Ich wurde häufiger angemotzt. Weil ich zu lange unter der Dusche stand (es wurde mit einer Gaskartusche geheizt und daher rationiert, aber wie soll man denn das Shampoo aus dem damals über Po langen Haar kriegen?); weil ich eine Ecke vegan belegter Pizza vom Lieferservice wünschte; weil ich zu oft einen über den Durst trank (einmal erwischte ich derart viel von einem anläßlich des Pfingstfestes selbst gebrannten Klaren der Inselbewohner, daß ich mit einem Blackout auf der Bordsteinkante kauernd verblieb und von den Jungs heimgeschleift werden mußte, wo ich vollständig angezogen inklusive Wanderstiefeln im Bett einschlief – typisch, Laurachen, da hat man schon als brave, schüchterne Maus einen alkoholbedingten Blackout und pennt trotzdem allein und in gesamter Trekkingmontur, obwohl es an attraktiven Schnuckeln nicht mangelt, meine Güte). Angemotzt, weil ich langweiliges Gestein und massenhaft vorkommende Farnwedel fotografierte und immer wieder die blauvioletten Prachtwinden mit ihren silbrigen Seidentropfen, anstatt mir spannende Motive zu suchen. Angemotzt von einem Verehrer, den gab es nämlich auch, Shakespeare, sage ich nur.

Herbert war ein Bär von Mann, riesiggroß und etwas pummelig, bereits am Münchner Flughafen waren wir aufeinandergetroffen, gemeinsam den Verspätungswahn der TAP meisternd, der uns insgesamt zwei volle Reisetage kosten sollte (vgl. Beitrag 7). So wunderte ich mich zunächst nicht, daß er sich meist in meiner Nähe aufhielt. Wir teilten die Neugier an Pflanzengewächsen, und als ich herausfand, er würde unterwegs seinen Grburtstag feiern, organisierte ich als Gruppengeschenk ein Fachbuch über die Botanik der Azoren (dessen Autor der Sohn eines späteren Reisebekannten war, mit dem ich 2015 Soqotra erkunden sollte, welch ein Zufall!). Zu zweit jedenfalls flanierten wir durch das verschlafene Örtchen, weiter zu den Weinbergen, deren jahrhundertealtes Bestellungssystem dem UNESCO Kulturerbe angehört, unterwegs in winzige Vorgärten spähend, hübsch gestaltet mit blühenden Exoten. Viele Häuser standen in Ruinen, Fenster waren zersprungen, die Gemäuer brüchig, Fassadenfarbe blätterte in mehreren Schichten ab, Sträucher und Ranken hatten sich des dachlosen Inneren bemächtigt, zu uns herüberkragend. Rustikale Boote lagen verstreut, ob sie je wieder auf Fischfang gehen würden? Manchmal blieb nichts von ihnen übrig als ein Plankengerippe.
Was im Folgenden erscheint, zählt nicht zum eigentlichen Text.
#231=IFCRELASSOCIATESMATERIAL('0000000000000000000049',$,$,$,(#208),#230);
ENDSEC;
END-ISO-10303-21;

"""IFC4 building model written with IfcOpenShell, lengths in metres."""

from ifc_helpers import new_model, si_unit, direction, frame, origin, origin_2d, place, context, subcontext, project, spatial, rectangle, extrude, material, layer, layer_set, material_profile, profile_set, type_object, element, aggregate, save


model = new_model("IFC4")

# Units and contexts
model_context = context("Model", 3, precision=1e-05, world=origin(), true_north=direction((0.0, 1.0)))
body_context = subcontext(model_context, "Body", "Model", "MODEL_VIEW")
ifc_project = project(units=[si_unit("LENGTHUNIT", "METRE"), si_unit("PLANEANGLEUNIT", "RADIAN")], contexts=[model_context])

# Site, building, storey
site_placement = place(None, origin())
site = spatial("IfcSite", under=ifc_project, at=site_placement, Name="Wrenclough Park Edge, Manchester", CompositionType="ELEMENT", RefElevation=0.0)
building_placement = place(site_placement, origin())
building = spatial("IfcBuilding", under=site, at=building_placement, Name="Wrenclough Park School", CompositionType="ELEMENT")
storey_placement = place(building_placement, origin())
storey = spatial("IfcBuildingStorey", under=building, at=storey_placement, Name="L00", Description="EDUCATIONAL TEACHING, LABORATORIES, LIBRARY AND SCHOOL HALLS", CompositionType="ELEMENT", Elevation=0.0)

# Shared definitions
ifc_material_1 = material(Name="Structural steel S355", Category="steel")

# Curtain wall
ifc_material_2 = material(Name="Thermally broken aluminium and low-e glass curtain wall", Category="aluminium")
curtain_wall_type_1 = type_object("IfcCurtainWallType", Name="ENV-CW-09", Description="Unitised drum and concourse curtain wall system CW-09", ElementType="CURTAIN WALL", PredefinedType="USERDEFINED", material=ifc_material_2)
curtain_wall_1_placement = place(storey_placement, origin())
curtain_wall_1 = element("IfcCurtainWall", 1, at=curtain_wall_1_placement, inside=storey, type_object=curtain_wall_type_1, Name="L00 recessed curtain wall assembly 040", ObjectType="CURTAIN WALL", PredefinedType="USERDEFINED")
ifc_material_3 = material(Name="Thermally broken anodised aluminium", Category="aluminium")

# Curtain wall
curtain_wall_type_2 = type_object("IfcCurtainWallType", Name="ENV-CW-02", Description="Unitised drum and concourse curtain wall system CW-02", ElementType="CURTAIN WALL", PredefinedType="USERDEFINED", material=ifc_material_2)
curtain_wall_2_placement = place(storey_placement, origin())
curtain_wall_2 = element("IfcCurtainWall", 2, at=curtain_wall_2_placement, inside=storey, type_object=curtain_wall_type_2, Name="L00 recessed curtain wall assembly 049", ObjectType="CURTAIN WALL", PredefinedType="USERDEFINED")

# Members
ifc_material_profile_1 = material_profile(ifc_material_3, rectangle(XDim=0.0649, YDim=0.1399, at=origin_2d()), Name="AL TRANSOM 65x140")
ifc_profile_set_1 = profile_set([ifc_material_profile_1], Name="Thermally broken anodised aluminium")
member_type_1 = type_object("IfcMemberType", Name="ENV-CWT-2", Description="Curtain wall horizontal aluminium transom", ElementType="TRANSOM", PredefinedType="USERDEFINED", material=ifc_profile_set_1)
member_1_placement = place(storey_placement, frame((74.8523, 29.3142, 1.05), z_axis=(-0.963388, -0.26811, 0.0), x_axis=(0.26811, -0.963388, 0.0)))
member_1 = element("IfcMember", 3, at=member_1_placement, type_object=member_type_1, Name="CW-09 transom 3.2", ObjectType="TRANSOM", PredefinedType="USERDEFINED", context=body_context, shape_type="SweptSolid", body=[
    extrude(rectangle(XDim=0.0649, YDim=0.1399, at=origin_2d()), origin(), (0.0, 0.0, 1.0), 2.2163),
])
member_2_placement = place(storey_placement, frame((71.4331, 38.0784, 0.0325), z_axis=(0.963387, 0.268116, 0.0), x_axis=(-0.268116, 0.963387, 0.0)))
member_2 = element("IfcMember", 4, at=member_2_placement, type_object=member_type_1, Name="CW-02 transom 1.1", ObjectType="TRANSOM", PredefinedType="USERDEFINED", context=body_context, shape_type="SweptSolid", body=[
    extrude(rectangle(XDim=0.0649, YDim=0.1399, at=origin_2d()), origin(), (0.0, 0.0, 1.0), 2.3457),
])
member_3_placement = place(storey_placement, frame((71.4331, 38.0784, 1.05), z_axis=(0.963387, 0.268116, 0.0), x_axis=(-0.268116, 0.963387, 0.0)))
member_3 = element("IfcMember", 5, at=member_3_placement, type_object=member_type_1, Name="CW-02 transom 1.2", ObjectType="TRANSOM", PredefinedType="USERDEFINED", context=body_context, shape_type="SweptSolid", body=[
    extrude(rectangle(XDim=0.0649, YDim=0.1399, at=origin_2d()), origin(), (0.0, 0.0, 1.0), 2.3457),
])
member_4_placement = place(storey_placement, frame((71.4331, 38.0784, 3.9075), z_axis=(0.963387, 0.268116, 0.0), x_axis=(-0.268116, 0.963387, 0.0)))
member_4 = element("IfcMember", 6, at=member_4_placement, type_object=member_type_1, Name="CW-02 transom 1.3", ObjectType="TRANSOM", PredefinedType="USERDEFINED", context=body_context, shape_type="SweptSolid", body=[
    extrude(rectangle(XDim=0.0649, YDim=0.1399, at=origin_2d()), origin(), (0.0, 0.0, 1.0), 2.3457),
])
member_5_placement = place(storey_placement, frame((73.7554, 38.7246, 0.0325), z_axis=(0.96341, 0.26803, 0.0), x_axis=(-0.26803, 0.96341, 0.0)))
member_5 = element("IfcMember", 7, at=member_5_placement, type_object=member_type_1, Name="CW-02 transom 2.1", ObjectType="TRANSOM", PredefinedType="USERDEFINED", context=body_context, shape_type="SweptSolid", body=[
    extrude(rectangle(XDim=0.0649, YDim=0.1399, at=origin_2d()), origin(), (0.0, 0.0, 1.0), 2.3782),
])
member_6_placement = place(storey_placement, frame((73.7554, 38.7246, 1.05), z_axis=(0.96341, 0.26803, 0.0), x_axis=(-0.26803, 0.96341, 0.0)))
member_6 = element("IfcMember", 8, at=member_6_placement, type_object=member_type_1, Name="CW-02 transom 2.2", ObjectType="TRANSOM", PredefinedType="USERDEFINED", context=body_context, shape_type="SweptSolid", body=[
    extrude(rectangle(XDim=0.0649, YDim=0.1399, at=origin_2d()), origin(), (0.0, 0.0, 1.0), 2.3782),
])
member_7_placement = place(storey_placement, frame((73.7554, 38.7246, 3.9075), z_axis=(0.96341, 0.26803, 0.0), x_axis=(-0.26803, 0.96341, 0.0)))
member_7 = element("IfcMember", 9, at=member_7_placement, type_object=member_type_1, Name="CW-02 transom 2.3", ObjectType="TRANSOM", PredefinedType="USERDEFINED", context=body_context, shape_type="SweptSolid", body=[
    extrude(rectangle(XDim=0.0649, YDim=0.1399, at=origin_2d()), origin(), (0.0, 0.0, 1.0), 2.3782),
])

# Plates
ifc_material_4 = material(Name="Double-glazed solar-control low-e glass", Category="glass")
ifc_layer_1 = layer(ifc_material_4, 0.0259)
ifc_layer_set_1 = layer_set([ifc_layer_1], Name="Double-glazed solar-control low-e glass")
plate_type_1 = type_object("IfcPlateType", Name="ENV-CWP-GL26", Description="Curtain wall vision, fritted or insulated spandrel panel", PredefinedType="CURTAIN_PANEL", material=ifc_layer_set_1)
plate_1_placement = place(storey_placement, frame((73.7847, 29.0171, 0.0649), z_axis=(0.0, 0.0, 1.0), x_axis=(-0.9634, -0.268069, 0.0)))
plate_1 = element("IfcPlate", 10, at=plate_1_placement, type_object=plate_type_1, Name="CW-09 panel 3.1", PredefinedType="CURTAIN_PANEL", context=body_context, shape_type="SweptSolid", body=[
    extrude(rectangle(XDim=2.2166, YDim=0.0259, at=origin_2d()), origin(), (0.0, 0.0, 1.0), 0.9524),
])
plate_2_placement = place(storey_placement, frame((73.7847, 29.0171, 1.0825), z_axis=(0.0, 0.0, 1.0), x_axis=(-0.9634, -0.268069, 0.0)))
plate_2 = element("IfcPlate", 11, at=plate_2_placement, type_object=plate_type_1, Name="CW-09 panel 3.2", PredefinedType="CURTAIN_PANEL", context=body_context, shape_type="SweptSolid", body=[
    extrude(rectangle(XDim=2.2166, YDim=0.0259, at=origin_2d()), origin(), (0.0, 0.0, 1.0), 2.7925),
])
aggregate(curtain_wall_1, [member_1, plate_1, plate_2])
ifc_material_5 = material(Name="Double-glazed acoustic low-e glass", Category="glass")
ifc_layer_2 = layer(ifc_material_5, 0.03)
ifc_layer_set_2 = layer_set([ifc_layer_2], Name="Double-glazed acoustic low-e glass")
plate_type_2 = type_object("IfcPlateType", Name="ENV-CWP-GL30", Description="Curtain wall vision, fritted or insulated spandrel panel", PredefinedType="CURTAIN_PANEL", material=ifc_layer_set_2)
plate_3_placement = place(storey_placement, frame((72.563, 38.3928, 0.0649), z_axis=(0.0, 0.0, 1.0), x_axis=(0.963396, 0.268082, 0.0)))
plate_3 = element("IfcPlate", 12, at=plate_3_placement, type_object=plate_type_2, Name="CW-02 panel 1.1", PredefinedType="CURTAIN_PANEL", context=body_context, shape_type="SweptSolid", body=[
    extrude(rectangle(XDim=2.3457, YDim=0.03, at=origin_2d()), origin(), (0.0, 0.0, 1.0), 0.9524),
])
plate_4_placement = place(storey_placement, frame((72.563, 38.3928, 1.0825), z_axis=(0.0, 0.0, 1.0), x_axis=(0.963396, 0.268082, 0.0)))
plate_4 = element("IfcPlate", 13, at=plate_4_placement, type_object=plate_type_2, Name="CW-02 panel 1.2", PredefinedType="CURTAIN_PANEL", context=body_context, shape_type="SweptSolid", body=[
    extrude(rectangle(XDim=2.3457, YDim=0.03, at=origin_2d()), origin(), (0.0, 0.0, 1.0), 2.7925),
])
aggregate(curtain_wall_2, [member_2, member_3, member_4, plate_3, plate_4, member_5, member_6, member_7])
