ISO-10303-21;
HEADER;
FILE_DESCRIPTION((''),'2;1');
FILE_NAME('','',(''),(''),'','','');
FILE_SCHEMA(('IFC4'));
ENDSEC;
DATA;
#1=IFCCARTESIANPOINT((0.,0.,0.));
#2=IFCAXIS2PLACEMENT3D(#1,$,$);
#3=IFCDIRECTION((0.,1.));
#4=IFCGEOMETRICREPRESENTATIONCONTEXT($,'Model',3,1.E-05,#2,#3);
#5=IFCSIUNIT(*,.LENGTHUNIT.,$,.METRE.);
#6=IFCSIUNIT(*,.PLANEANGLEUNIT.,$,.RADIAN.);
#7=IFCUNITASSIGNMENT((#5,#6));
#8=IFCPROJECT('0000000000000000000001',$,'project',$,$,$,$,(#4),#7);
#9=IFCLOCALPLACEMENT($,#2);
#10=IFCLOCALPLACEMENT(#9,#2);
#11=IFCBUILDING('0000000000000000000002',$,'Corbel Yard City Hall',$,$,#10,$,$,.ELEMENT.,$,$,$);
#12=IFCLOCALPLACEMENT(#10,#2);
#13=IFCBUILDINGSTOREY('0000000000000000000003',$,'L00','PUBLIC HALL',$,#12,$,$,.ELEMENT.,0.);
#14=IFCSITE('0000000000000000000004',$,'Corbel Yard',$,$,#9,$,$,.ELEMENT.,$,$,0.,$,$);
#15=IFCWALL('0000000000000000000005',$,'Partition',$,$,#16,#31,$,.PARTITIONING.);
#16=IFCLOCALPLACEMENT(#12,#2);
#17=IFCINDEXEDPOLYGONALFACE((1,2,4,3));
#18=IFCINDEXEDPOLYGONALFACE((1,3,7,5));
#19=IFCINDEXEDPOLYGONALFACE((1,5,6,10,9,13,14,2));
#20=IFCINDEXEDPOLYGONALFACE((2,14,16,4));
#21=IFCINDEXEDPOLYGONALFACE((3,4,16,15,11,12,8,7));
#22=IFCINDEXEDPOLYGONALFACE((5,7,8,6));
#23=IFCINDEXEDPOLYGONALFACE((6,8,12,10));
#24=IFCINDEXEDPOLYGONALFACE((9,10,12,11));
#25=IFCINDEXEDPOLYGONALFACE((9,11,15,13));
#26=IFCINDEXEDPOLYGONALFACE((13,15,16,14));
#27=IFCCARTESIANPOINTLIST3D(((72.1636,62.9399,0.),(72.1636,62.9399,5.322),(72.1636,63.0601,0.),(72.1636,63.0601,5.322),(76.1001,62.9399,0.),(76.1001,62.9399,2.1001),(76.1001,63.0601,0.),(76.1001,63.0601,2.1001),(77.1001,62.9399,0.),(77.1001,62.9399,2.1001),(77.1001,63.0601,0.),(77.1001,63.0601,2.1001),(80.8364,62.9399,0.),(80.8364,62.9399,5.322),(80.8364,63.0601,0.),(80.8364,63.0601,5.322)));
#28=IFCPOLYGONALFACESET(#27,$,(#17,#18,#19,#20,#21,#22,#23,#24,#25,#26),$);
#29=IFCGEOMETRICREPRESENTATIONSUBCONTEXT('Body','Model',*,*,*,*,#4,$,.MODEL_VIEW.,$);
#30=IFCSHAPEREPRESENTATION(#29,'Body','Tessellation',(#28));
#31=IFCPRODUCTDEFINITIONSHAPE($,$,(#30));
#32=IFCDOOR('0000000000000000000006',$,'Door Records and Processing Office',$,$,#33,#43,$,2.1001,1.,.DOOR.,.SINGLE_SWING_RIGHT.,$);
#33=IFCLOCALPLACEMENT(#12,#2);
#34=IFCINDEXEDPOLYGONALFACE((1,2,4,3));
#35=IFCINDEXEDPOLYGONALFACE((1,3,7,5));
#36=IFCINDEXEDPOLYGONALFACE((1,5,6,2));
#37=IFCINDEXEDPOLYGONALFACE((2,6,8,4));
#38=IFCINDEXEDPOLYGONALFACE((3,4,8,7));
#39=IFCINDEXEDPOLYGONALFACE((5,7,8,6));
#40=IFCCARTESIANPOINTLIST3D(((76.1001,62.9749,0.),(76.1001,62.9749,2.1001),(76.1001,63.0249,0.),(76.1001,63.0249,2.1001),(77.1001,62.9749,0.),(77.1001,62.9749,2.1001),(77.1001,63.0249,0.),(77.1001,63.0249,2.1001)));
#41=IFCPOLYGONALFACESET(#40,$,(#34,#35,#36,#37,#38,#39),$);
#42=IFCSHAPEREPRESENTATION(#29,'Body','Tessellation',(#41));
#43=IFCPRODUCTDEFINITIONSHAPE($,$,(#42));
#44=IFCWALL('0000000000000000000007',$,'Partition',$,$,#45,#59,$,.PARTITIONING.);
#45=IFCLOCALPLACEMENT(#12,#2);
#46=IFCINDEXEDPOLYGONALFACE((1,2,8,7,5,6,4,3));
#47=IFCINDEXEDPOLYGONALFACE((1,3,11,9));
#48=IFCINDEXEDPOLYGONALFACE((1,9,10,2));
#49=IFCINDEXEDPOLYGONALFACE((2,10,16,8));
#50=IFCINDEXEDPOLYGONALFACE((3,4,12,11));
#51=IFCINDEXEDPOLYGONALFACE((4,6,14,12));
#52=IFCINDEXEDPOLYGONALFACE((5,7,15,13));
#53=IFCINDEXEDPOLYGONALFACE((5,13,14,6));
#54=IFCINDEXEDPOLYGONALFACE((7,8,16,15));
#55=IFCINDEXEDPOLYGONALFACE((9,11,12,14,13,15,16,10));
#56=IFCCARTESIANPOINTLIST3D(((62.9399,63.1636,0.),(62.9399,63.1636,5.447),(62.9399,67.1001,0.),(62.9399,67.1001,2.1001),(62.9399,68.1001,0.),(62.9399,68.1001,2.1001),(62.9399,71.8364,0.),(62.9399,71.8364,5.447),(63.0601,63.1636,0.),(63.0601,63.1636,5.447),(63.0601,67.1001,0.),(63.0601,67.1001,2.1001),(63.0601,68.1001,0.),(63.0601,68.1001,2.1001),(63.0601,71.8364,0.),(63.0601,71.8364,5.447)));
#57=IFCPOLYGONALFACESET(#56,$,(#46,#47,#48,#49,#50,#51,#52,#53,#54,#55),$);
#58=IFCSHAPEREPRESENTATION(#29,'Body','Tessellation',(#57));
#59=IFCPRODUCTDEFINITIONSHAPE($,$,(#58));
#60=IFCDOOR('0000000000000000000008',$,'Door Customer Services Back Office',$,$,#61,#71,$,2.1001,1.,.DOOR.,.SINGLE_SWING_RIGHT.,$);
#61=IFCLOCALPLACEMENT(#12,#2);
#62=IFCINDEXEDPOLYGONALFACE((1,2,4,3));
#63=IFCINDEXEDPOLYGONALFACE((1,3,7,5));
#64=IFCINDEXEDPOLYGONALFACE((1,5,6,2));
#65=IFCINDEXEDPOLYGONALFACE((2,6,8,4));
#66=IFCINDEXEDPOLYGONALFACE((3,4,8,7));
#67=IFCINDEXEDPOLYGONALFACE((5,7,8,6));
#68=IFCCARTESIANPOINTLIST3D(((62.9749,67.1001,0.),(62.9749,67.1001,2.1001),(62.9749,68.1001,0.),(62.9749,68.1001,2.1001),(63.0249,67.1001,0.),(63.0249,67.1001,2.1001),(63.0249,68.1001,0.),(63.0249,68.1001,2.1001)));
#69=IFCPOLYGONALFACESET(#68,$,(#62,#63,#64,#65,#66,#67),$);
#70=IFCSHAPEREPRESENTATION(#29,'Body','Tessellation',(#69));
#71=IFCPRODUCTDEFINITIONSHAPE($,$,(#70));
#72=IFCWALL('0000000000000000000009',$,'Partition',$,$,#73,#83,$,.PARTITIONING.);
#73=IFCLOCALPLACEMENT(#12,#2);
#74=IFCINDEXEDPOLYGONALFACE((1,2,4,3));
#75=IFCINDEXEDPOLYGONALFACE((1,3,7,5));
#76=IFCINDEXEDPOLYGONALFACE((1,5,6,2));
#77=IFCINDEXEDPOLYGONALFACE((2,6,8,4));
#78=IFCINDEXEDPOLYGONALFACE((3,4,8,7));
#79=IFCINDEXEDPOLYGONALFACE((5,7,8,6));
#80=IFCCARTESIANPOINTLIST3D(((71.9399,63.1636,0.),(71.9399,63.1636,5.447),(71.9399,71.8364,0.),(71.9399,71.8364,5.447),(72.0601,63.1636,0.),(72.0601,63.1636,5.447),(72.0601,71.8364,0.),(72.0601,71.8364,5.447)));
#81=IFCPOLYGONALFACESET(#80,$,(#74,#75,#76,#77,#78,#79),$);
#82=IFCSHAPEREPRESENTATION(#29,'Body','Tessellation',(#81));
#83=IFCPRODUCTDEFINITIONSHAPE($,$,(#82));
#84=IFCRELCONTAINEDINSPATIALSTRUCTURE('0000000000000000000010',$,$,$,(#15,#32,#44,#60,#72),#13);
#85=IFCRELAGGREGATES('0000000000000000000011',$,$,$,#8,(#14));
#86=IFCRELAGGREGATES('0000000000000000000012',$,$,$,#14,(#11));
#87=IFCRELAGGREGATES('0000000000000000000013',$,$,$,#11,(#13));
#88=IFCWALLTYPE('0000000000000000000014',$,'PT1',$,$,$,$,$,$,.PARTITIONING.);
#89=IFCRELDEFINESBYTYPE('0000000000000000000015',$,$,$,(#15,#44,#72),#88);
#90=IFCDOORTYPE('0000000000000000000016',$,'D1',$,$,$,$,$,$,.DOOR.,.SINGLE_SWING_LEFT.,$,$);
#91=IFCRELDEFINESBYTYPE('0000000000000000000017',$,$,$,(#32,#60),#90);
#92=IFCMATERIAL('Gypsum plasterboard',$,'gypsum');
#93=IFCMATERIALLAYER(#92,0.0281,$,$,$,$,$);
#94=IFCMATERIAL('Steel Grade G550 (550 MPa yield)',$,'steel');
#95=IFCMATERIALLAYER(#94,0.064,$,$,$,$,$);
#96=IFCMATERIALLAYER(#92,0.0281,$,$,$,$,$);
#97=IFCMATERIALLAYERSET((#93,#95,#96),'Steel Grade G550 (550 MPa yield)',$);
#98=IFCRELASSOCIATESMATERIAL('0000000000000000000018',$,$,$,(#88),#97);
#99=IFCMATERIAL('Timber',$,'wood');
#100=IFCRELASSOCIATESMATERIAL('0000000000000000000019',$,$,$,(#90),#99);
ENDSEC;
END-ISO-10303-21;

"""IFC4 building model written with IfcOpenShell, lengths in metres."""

from ifc_helpers import new_model, si_unit, direction, frame, frame_2d, origin, place, context, subcontext, project, spatial, rectangle, extrude, material, layer, layer_set, type_object, element, fill, save


model = new_model("IFC4")

# Units and contexts
model_context = context("Model", 3, precision=1e-05, world=origin(), true_north=direction((0.0, 1.0)))
body_context = subcontext(model_context, "Body", "Model", "MODEL_VIEW")
ifc_project = project(units=[si_unit("LENGTHUNIT", "METRE"), si_unit("PLANEANGLEUNIT", "RADIAN")], contexts=[model_context])

# Site, building, storey
site_placement = place(None, origin())
site = spatial("IfcSite", under=ifc_project, at=site_placement, Name="Corbel Yard", CompositionType="ELEMENT", RefElevation=0.0)
building_placement = place(site_placement, origin())
building = spatial("IfcBuilding", under=site, at=building_placement, Name="Corbel Yard City Hall", CompositionType="ELEMENT")
storey_placement = place(building_placement, origin())
storey = spatial("IfcBuildingStorey", under=building, at=storey_placement, Name="L00", Description="PUBLIC HALL", CompositionType="ELEMENT", Elevation=0.0)

# Shared definitions
ifc_material_1 = material(Name="Gypsum plasterboard", Category="gypsum")
ifc_layer_1 = layer(ifc_material_1, 0.0281)
ifc_material_2 = material(Name="Steel Grade G550 (550 MPa yield)", Category="steel")
ifc_layer_2 = layer(ifc_material_2, 0.064)
ifc_layer_3 = layer(ifc_material_1, 0.0281)
ifc_layer_set = layer_set([ifc_layer_1, ifc_layer_2, ifc_layer_3], Name="Steel Grade G550 (550 MPa yield)")
wall_type = type_object("IfcWallType", Name="PT1", PredefinedType="PARTITIONING", material=ifc_layer_set)

# Walls, openings, doors
wall_1_placement = place(storey_placement, frame((72.1636, 63.0, 0.0), z_axis=(0.0, 0.0, 1.0), x_axis=(1.0, 0.0, 0.0)))
wall_1 = element("IfcWall", 1, at=wall_1_placement, inside=storey, type_object=wall_type, Name="Partition", PredefinedType="PARTITIONING", context=body_context, shape_type="SweptSolid", body=[
    extrude(rectangle(XDim=8.6729, YDim=0.1201, at=frame_2d((4.3364, 0.0))), origin(), (0.0, 0.0, 1.0), 5.322),
])
opening_1_placement = place(wall_1_placement, frame((3.9365, 0.0, 0.0)))
opening_1 = element("IfcOpeningElement", 2, at=opening_1_placement, cuts=wall_1, PredefinedType="OPENING", context=body_context, shape_type="SweptSolid", body=[
    extrude(rectangle(XDim=1.0, YDim=2.1001, at=frame_2d((0.5, 1.05))), frame((0.0, 0.0701, 0.0), z_axis=(0.0, -1.0, 0.0), x_axis=(1.0, 0.0, 0.0)), (0.0, 0.0, 1.0), 0.1401),
])
ifc_material_3 = material(Name="Timber", Category="wood")
door_type = type_object("IfcDoorType", Name="D1", OperationType="SINGLE_SWING_LEFT", PredefinedType="DOOR", material=ifc_material_3)
door_1_placement = place(opening_1_placement, origin())
door_1 = element("IfcDoor", 3, at=door_1_placement, inside=storey, type_object=door_type, Name="Door Records and Processing Office", OperationType="SINGLE_SWING_RIGHT", OverallHeight=2.1001, OverallWidth=1.0, PredefinedType="DOOR", context=body_context, shape_type="SweptSolid", body=[
    extrude(rectangle(XDim=1.0, YDim=2.1001, at=frame_2d((0.5, 1.05))), frame((0.0, 0.0249, 0.0), z_axis=(0.0, -1.0, 0.0), x_axis=(1.0, 0.0, 0.0)), (0.0, 0.0, 1.0), 0.05),
])
fill(opening_1, door_1)
wall_2_placement = place(storey_placement, frame((63.0, 63.1636, 0.0), z_axis=(0.0, 0.0, 1.0), x_axis=(0.0, 1.0, 0.0)))
wall_2 = element("IfcWall", 4, at=wall_2_placement, inside=storey, type_object=wall_type, Name="Partition", PredefinedType="PARTITIONING", context=body_context, shape_type="SweptSolid", body=[
    extrude(rectangle(XDim=8.6729, YDim=0.1201, at=frame_2d((4.3364, 0.0))), origin(), (0.0, 0.0, 1.0), 5.447),
])
opening_2_placement = place(wall_2_placement, frame((3.9365, 0.0, 0.0)))
opening_2 = element("IfcOpeningElement", 5, at=opening_2_placement, cuts=wall_2, PredefinedType="OPENING", context=body_context, shape_type="SweptSolid", body=[
    extrude(rectangle(XDim=1.0, YDim=2.1001, at=frame_2d((0.5, 1.05))), frame((0.0, 0.0701, 0.0), z_axis=(0.0, -1.0, 0.0), x_axis=(1.0, 0.0, 0.0)), (0.0, 0.0, 1.0), 0.1401),
])
door_2_placement = place(opening_2_placement, frame((1.0, 0.0, 0.0), z_axis=(0.0, 0.0, 1.0), x_axis=(-1.0, 0.0, 0.0)))
door_2 = element("IfcDoor", 6, at=door_2_placement, inside=storey, type_object=door_type, Name="Door Customer Services Back Office", OperationType="SINGLE_SWING_RIGHT", OverallHeight=2.1001, OverallWidth=1.0, PredefinedType="DOOR", context=body_context, shape_type="SweptSolid", body=[
    extrude(rectangle(XDim=1.0, YDim=2.1001, at=frame_2d((0.5, 1.05))), frame((0.0, 0.0249, 0.0), z_axis=(0.0, -1.0, 0.0), x_axis=(1.0, 0.0, 0.0)), (0.0, 0.0, 1.0), 0.05),
])
fill(opening_2, door_2)

# Wall
wall_3_placement = place(storey_placement, frame((72.0, 63.1636, 0.0), z_axis=(0.0, 0.0, 1.0), x_axis=(0.0, 1.0, 0.0)))
element("IfcWall", 7, at=wall_3_placement, inside=storey, type_object=wall_type, Name="Partition", PredefinedType="PARTITIONING", context=body_context, shape_type="SweptSolid", body=[
    extrude(rectangle(XDim=8.6729, YDim=0.1201, at=frame_2d((4.3364, 0.0))), origin(), (0.0, 0.0, 1.0), 5.447),
])

save(model, "model.ifc")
Wir hörten den Saurierruf eines Graureihers, der dicht über unseren Köpfen hinwegflog, eine Mauer passierend, weg aus unserem Blickfeld. Herbert setzte sich in Bewegung. “Was tust du?” fragte ich verwirrt, als er auch schon die Klinke des Eisentores niederdrückte und einfach auf dem fremden Grundstück verschwand.

“Spinnst du?” zischte ich. “Du kannst doch nicht…” Er konnte.

Ich folgte zögerlich, stark mit eventuell anwesenden Anwohnern rechnend. Inmitten eines malerischen Patios, in dem in prächtigen Kübeln opulent milka-gletschern die Schmucklilien prangten, verharrte in verzückter Beobachtung der stämmige Herbert, fasziniert den Reiher studierend, der in statuettenhafte Pose gebannt auf dem Rasen stak wie eine filigrane Marmoskulptur. Mich amüsierte Herberts Euphorie über die Sichtung eines doch recht gewöhnlichen Vogels, es machte ihn mir sympathisch.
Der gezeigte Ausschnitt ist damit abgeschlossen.